One could get deeper and deeper in this analysis, but my objective is to get a general glimpse that allows me to start hypothezing about the relationships between the variables. This, we're going to developing in the Confirmatory Data Analysis. 

In [None]:
def timeseries_range_slider_snap(data:'pd.DataFrame',level_1:str, level_2:str, level_3:str):
     
    # Group data by level 
    dt_level = data.groupby([level_1,level_2, level_3]).agg({'sales_day':'sum','sell_price':'mean'}) \
                                                       .reset_index() \
                                                       .sort_values(by=[level_1,level_2,level_3])

    # Visualize by components of level 
    l1, l2 = dt_level[level_1].unique(), dt_level[level_2].unique() 
    iterables = [(a, b) for a in l1 for b in l2]
    
    states = ['WI','CA','TX']

    for i in iterables: 
        a, b = i
        df = dt_level[(dt_level[level_1] == a) & (dt_level[level_2] == b)]

        # Annotations
        for s in states:
            if a.startswith(s):
                col = 'snap_' + s
                df_ant = data[(data[col] == 1) & (data[level_1] == a)].groupby([level_1, level_2, level_3, col]) \
                                                                              .agg({'sales_day':'sum','sell_price':'mean'}) \
                                                                              .reset_index() \
                                                                              .sort_values(by=[level_1, level_2, level_3])    
    
        events = df_ant[['date', col]]
        events = events.set_index('date')

        ants = [dict(x = date, 
                     y = 10, 
                     xref = 'x', 
                     yref = 'y', 
                     textangle = 45,
                     font=dict(color = 'black', size = 6),
                               text = col)
                     for date, value in zip(events.index, 
                                            events.values)]
        
        
        # Weights for price
        mxm = max(df['sales_day'])
        if mxm < 50:
            weight = 5
        elif mxm < 100:
            weight = 10
        elif mxm < 200: 
            weight = 25  
        else:
            weight = 35
        
        fig = go.Figure()
        fig.add_trace(go.Scatter(x=df.date, 
                                 y=df['sales_day'], 
                                 name='Sales',
                                 line_color='deepskyblue'))

        fig.add_trace(go.Scatter(x=df.date, 
                                 y=df['sell_price']*weight, 
                                 name='Price average',
                                 line_color='dimgray'))

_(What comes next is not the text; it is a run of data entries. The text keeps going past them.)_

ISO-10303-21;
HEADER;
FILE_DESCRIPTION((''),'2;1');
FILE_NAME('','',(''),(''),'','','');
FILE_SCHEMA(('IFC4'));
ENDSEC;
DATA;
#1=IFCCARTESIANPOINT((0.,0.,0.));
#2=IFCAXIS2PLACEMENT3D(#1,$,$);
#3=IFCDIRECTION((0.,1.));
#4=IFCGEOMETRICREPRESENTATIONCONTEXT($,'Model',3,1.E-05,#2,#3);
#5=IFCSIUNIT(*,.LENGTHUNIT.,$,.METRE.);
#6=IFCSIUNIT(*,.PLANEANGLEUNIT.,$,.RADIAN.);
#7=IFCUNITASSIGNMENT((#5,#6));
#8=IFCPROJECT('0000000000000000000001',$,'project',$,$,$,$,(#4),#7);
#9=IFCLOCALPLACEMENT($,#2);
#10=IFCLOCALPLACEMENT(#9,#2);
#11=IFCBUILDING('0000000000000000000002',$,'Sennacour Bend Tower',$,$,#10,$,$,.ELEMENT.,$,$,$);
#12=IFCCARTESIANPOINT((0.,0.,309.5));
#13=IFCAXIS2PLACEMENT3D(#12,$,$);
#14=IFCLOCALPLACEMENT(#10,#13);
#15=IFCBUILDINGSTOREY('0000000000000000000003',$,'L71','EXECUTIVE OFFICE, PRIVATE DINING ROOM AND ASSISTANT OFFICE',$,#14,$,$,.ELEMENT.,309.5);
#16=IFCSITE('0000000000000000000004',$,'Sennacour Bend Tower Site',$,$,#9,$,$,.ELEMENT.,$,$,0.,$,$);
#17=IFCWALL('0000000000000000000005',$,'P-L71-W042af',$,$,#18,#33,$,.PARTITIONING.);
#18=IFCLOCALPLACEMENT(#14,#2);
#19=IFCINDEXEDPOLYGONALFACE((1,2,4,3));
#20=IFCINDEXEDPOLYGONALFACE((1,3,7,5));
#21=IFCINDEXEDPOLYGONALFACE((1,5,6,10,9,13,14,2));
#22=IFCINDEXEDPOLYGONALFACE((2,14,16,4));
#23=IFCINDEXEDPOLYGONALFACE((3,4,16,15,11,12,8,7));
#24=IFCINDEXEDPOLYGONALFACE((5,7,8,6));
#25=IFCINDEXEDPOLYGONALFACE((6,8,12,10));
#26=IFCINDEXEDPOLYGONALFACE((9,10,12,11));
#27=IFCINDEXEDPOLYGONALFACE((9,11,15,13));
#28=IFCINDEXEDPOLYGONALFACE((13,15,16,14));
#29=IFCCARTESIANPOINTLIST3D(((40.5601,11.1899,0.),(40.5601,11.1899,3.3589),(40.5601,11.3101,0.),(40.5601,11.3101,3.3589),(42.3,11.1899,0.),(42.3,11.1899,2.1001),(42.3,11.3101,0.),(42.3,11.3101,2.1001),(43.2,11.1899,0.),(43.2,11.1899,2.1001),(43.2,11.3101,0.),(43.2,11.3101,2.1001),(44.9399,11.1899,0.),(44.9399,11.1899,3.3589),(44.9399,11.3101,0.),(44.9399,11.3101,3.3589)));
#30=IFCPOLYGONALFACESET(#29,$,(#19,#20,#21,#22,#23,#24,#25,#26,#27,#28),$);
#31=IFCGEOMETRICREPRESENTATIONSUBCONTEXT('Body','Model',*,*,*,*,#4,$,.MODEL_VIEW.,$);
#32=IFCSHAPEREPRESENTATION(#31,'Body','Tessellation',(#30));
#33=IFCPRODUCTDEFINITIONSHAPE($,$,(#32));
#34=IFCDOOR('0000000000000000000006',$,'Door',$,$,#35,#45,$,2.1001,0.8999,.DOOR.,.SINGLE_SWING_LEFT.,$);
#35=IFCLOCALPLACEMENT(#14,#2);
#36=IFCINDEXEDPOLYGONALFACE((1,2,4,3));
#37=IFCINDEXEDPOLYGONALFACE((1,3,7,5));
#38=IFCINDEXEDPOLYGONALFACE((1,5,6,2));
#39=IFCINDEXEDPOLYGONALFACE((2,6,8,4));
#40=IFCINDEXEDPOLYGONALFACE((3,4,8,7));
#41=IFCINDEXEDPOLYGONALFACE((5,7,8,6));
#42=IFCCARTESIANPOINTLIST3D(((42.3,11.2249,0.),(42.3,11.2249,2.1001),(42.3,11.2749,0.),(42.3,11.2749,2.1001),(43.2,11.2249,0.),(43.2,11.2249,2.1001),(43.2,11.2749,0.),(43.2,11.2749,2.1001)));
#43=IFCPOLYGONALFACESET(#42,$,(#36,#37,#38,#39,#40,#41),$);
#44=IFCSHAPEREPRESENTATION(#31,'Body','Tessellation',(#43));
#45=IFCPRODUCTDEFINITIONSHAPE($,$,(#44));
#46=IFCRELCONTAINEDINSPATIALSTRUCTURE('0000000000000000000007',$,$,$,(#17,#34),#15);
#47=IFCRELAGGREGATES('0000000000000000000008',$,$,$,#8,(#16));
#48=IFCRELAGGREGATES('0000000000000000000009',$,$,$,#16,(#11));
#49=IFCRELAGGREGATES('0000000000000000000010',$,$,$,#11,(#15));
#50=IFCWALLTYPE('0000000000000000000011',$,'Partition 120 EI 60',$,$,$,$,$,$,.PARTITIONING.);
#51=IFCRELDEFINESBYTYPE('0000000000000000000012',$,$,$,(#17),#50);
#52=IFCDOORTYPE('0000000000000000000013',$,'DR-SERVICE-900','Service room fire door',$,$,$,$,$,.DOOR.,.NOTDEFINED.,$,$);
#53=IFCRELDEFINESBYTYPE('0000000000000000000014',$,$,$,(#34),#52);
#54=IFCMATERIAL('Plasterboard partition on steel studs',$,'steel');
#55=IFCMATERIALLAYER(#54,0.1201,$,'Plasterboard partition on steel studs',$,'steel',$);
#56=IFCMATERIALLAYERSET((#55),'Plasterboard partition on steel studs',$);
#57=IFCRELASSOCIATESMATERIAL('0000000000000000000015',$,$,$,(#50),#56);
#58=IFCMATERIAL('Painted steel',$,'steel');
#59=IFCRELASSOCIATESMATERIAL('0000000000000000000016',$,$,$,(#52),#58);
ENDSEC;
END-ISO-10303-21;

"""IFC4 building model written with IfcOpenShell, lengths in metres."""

from ifc_helpers import new_model, si_unit, direction, frame, frame_2d, origin, place, context, subcontext, project, spatial, rectangle, extrude, material, layer, layer_set, type_object, element, fill, save


model = new_model("IFC4")

# Units and contexts
model_context = context("Model", 3, precision=1e-05, world=origin(), true_north=direction((0.0, 1.0)))
body_context = subcontext(model_context, "Body", "Model", "MODEL_VIEW")
ifc_project = project(units=[si_unit("LENGTHUNIT", "METRE"), si_unit("PLANEANGLEUNIT", "RADIAN")], contexts=[model_context])

# Site, building, storey
site_placement = place(None, origin())
site = spatial("IfcSite", under=ifc_project, at=site_placement, Name="Sennacour Bend Tower Site", CompositionType="ELEMENT", RefElevation=0.0)
building_placement = place(site_placement, origin())
building = spatial("IfcBuilding", under=site, at=building_placement, Name="Sennacour Bend Tower", CompositionType="ELEMENT")
storey_placement = place(building_placement, frame((0.0, 0.0, 309.5)))
storey = spatial("IfcBuildingStorey", under=building, at=storey_placement, Name="L71", Description="EXECUTIVE OFFICE, PRIVATE DINING ROOM AND ASSISTANT OFFICE", CompositionType="ELEMENT", Elevation=309.5)

# Shared definitions
ifc_material_1 = material(Name="Plasterboard partition on steel studs", Category="steel")

# Wall, opening, door
ifc_layer_1 = layer(ifc_material_1, 0.1201, Name="Plasterboard partition on steel studs", Category="steel")
ifc_layer_set_1 = layer_set([ifc_layer_1], Name="Plasterboard partition on steel studs")
wall_type_1 = type_object("IfcWallType", Name="Partition 120 EI 60", PredefinedType="PARTITIONING", material=ifc_layer_set_1)
ifc_material_2 = material(Name="Painted steel", Category="steel")
wall_1_placement = place(storey_placement, frame((40.5601, 11.25, 0.0), z_axis=(0.0, 0.0, 1.0), x_axis=(1.0, 0.0, 0.0)))
wall_1 = element("IfcWall", 1, at=wall_1_placement, inside=storey, type_object=wall_type_1, Name="P-L71-W042af", PredefinedType="PARTITIONING", context=body_context, shape_type="SweptSolid", body=[
    extrude(rectangle(XDim=4.3799, YDim=0.1201, at=frame_2d((2.1899, 0.0))), origin(), (0.0, 0.0, 1.0), 3.3589),
])
opening_1_placement = place(wall_1_placement, frame((1.74, 0.0, 0.0)))
opening_1 = element("IfcOpeningElement", 2, at=opening_1_placement, cuts=wall_1, PredefinedType="OPENING", context=body_context, shape_type="SweptSolid", body=[
    extrude(rectangle(XDim=0.8999, YDim=2.1001, at=frame_2d((0.45, 1.05))), frame((0.0, 0.0701, 0.0), z_axis=(0.0, -1.0, 0.0), x_axis=(1.0, 0.0, 0.0)), (0.0, 0.0, 1.0), 0.1401),
])
door_type_1 = type_object("IfcDoorType", Name="DR-SERVICE-900", Description="Service room fire door", OperationType="NOTDEFINED", PredefinedType="DOOR", material=ifc_material_2)
door_1_placement = place(opening_1_placement, origin())
door_1 = element("IfcDoor", 3, at=door_1_placement, inside=storey, type_object=door_type_1, Name="Door", OperationType="SINGLE_SWING_LEFT", OverallHeight=2.1001, OverallWidth=0.8999, PredefinedType="DOOR", context=body_context, shape_type="SweptSolid", body=[
    extrude(rectangle(XDim=0.8999, YDim=2.1001, at=frame_2d((0.45, 1.05))), frame((0.0, 0.0249, 0.0), z_axis=(0.0, -1.0, 0.0), x_axis=(1.0, 0.0, 0.0)), (0.0, 0.0, 1.0), 0.05),
])
fill(opening_1, door_1)

save(model, "model.ifc")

        fig.update_layout(title_text=f'Time Series of sales with Rangeslider for {a} and {b}',
                          xaxis_rangeslider_visible=True,
                          annotations = ants,
                          height=600,
                          width=800)
        
        
        fig.show()
        break

In [None]:
# Timeseries annotated with SNAP days
timeseries_range_slider_snap(dt_work, 'store_id', 'dept_id', 'date')

## Conclusions


The general picture is that there seems to be at the same a **`strong` and `weak` relationship between the objective variable `sales_day` and the dependent variables through periods of time**. For example, we saw that the `sell_price` remained constant but sale decreased or increased. It is highly important to take into account this events because we will further seek to establish a statistical relationship (like Pearson's coefficient). Thus, before rejecting that there is not at all association between variables (a global association throughout the time) we could say that this association tends to fluctuate through time but that in general it is a weak one. This is going to be our key study in the `Confirmatory Data Analysis`.